Amados amigos lectores: Cuando hemos sentido una experiencia de amor incondicional, no podemos tener miedo ante los problemas que nos presenta la vida. Sentirnos amados por Dios, como Jesulín se sintió amado por su papá mago, es lo que Jesús quiso comunicarnos desde la experiencia de su resurrección.
Tanto la fe como el miedo nos piden creer en algo que no podemos ver. El miedo dice: cree en lo negativo. Los negocios andan mal, vas a quebrar. Has soportado demasiado, nunca serás feliz. Mientras que la fe dice: cree en lo positivo. Dios está supliendo todas nuestras necesidades. Los mejores días están por llegar.
Hoy, te invito a que optemos por la fe y no por el miedo. De cara al futuro de nuestra nación y nuestra región,  te invito a concentrarnos en la fe y a permitir que Dios maneje nuestros miedos.

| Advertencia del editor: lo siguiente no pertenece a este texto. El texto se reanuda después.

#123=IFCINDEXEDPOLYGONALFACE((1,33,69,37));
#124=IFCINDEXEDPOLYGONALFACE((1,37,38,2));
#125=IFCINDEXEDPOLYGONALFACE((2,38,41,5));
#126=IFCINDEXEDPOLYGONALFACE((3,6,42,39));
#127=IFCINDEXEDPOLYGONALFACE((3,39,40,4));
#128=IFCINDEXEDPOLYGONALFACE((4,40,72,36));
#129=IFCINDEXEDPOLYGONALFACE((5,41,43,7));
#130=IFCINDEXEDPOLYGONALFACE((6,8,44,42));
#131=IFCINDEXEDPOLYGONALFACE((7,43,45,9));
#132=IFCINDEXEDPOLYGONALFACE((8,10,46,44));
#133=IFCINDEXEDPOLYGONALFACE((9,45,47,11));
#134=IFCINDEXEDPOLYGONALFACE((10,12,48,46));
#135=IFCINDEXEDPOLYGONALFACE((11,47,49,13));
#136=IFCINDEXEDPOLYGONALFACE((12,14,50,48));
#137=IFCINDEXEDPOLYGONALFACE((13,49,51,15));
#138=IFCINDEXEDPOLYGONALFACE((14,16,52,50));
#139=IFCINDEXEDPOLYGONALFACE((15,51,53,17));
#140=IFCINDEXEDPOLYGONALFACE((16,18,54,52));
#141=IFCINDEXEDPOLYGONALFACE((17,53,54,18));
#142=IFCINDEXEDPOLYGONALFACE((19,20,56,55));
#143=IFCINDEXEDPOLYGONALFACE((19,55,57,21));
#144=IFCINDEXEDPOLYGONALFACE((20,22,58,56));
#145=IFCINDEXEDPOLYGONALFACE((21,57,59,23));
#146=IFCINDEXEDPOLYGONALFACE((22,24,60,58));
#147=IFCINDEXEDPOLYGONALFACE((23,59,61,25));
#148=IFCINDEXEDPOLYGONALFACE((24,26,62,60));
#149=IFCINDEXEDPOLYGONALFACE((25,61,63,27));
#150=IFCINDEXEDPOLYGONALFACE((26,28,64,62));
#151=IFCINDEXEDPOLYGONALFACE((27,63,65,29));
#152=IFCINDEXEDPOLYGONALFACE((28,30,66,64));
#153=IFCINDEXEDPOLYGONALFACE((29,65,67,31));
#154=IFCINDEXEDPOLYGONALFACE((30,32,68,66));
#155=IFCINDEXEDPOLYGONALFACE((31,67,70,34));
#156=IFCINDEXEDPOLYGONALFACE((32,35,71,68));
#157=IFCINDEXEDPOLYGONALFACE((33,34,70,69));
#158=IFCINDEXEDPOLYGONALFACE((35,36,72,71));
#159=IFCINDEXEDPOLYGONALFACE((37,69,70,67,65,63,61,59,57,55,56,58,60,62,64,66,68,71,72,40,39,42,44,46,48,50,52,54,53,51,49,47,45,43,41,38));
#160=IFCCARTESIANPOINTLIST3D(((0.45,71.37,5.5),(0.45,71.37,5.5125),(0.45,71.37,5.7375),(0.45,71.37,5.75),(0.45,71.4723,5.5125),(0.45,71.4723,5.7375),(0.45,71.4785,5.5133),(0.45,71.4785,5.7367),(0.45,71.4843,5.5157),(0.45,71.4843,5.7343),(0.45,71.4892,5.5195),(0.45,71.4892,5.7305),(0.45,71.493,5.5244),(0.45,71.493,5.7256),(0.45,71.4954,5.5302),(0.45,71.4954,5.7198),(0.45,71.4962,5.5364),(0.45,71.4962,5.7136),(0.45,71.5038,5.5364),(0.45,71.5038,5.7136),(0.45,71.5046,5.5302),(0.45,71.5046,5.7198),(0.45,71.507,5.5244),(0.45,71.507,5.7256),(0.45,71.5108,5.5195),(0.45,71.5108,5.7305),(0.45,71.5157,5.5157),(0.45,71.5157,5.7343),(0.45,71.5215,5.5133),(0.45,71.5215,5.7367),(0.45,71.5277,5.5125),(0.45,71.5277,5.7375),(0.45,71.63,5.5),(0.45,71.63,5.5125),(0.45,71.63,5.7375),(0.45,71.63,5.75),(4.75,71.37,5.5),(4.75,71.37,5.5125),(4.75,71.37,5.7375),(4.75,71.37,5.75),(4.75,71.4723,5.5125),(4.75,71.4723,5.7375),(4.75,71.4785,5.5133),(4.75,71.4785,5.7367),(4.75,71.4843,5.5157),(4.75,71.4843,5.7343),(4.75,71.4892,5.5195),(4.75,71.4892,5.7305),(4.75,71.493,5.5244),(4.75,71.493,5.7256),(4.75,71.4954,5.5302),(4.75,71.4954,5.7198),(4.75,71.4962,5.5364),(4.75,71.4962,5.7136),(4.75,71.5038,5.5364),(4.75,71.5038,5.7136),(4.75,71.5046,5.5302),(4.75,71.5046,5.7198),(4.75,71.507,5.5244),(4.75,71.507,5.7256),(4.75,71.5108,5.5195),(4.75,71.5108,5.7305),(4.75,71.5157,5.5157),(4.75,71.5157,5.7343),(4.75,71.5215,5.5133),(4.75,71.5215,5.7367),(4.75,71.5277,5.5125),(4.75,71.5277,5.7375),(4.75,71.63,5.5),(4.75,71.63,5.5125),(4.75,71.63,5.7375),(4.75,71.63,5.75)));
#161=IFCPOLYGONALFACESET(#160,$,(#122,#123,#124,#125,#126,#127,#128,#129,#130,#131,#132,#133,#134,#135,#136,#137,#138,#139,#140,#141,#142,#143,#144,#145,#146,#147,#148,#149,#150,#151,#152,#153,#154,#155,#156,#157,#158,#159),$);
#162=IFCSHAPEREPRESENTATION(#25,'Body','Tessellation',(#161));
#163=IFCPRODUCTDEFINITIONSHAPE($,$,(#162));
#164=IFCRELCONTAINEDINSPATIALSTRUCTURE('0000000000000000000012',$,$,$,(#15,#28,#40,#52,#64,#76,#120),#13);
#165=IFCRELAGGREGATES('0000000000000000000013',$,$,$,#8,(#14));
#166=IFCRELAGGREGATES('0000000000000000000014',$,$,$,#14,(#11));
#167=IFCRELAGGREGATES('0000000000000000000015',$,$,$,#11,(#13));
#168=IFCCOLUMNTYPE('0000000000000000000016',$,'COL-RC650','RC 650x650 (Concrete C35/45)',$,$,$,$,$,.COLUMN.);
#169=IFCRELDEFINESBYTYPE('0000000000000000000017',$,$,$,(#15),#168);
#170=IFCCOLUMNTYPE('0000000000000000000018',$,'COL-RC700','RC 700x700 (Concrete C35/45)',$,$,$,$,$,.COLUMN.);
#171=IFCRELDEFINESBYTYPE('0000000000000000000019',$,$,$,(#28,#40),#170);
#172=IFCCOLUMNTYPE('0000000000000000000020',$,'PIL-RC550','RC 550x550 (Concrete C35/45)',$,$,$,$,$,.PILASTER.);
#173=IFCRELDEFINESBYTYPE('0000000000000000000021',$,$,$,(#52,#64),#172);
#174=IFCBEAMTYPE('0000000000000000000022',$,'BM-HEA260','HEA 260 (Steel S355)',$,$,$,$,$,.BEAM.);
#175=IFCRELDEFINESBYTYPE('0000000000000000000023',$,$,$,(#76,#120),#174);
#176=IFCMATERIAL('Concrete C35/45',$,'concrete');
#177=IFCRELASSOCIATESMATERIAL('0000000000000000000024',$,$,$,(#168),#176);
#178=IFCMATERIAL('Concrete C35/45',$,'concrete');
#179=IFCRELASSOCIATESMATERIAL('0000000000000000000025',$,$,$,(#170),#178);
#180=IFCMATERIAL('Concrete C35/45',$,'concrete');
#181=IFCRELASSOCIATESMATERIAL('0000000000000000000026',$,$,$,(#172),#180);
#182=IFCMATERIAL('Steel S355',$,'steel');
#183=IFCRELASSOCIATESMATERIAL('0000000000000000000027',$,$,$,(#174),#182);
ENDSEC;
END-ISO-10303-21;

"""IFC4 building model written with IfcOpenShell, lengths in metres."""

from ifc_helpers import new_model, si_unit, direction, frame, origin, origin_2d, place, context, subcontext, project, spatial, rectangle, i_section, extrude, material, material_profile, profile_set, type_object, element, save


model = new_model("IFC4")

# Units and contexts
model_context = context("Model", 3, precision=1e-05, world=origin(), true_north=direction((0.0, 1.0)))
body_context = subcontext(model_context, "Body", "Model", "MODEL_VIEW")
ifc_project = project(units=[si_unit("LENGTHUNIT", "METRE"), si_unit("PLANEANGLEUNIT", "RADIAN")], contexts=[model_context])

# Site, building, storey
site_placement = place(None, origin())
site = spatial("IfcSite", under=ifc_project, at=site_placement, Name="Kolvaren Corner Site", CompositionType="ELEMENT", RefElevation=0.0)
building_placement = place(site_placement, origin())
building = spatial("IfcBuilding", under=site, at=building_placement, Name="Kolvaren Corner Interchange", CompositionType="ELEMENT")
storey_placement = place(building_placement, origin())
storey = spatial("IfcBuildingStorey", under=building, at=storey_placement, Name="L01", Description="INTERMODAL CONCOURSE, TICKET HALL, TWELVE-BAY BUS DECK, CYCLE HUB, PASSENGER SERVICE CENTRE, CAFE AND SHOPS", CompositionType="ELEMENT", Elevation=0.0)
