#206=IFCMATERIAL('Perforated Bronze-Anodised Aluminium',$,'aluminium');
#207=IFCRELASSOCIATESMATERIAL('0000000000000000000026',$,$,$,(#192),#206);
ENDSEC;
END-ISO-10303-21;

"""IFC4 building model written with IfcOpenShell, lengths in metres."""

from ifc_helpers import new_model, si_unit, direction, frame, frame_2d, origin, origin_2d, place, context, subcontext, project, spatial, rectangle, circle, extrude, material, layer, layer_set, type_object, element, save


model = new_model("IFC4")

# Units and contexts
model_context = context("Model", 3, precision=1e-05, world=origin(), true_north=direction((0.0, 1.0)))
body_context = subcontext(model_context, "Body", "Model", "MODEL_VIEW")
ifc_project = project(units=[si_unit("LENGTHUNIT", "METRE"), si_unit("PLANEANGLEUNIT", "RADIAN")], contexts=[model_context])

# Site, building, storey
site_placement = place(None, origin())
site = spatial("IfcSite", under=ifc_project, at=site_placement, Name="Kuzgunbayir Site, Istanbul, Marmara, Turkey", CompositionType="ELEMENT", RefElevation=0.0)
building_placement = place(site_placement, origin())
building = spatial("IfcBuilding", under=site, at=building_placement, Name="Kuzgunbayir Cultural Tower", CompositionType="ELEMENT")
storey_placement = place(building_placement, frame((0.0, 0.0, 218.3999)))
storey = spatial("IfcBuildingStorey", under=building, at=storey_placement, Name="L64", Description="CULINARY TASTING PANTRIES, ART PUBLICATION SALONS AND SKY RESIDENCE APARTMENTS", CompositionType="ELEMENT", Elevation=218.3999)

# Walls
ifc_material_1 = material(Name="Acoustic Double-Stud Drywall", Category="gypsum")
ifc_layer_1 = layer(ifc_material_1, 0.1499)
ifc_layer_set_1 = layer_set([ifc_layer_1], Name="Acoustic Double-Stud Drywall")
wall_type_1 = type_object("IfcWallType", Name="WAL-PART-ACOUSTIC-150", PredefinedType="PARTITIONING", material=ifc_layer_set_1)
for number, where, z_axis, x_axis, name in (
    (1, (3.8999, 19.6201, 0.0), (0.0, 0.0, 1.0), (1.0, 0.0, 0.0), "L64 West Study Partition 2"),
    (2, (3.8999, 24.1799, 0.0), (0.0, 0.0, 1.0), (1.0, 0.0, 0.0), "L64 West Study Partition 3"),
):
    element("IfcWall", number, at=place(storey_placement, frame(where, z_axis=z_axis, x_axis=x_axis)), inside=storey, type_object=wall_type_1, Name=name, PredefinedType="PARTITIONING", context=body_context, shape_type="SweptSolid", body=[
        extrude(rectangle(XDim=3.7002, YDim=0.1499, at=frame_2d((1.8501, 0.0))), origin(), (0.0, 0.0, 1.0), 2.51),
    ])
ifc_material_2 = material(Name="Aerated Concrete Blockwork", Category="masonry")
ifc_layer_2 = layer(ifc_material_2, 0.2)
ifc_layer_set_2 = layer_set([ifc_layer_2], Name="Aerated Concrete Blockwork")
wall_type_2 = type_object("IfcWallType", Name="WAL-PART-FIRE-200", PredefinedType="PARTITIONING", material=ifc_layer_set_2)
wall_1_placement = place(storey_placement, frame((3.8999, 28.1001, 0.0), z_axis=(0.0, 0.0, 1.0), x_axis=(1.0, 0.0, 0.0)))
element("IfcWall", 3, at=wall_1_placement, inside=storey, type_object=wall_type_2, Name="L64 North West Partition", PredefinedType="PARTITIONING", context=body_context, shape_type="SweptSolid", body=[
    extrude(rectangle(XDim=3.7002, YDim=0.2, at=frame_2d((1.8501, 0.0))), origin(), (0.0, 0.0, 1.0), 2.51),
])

Se requiere invertir la misma energía para creer que para preocuparnos; cuando nos detenemos y solamente reflexionamos en nuestros miedos estamos usando la fe a la inversa.
Esperemos el favor de Dios cada día, esperemos que el futuro sea el mejor tiempo de nuestras vidas, esperemos que Dios nos haga prosperar en el desierto, esperemos que toda situación negativa cambie para bien; porque las grandes esperanzas forjan grandes vidas.
Mantengamos un corazón alegre y no permitamos que las circunstancias o las personas nos convenzan de llevar una vida derrotista. Llenemos cada día nuestra mente con pensamientos de triunfo y desechemos toda conversación e imagen negativa. Rodeémonos de personas de fe que nos hablen de triunfo, practiquemos las disciplinas espirituales de la Biblia, la Oración, el Compañerismo, la Evangelización y la Obediencia,  Tomemos el control de nuestros pensamientos y decidámonos cada día a optar por la fe y no por el miedo.
Dile conmigo: “Gracias Dios porque tu presencia me llena de fuerza y alimenta mi confianza. Ayúdame a conocerte mejor cada día. Amén”
Te mando un confiado abrazo en Cristo.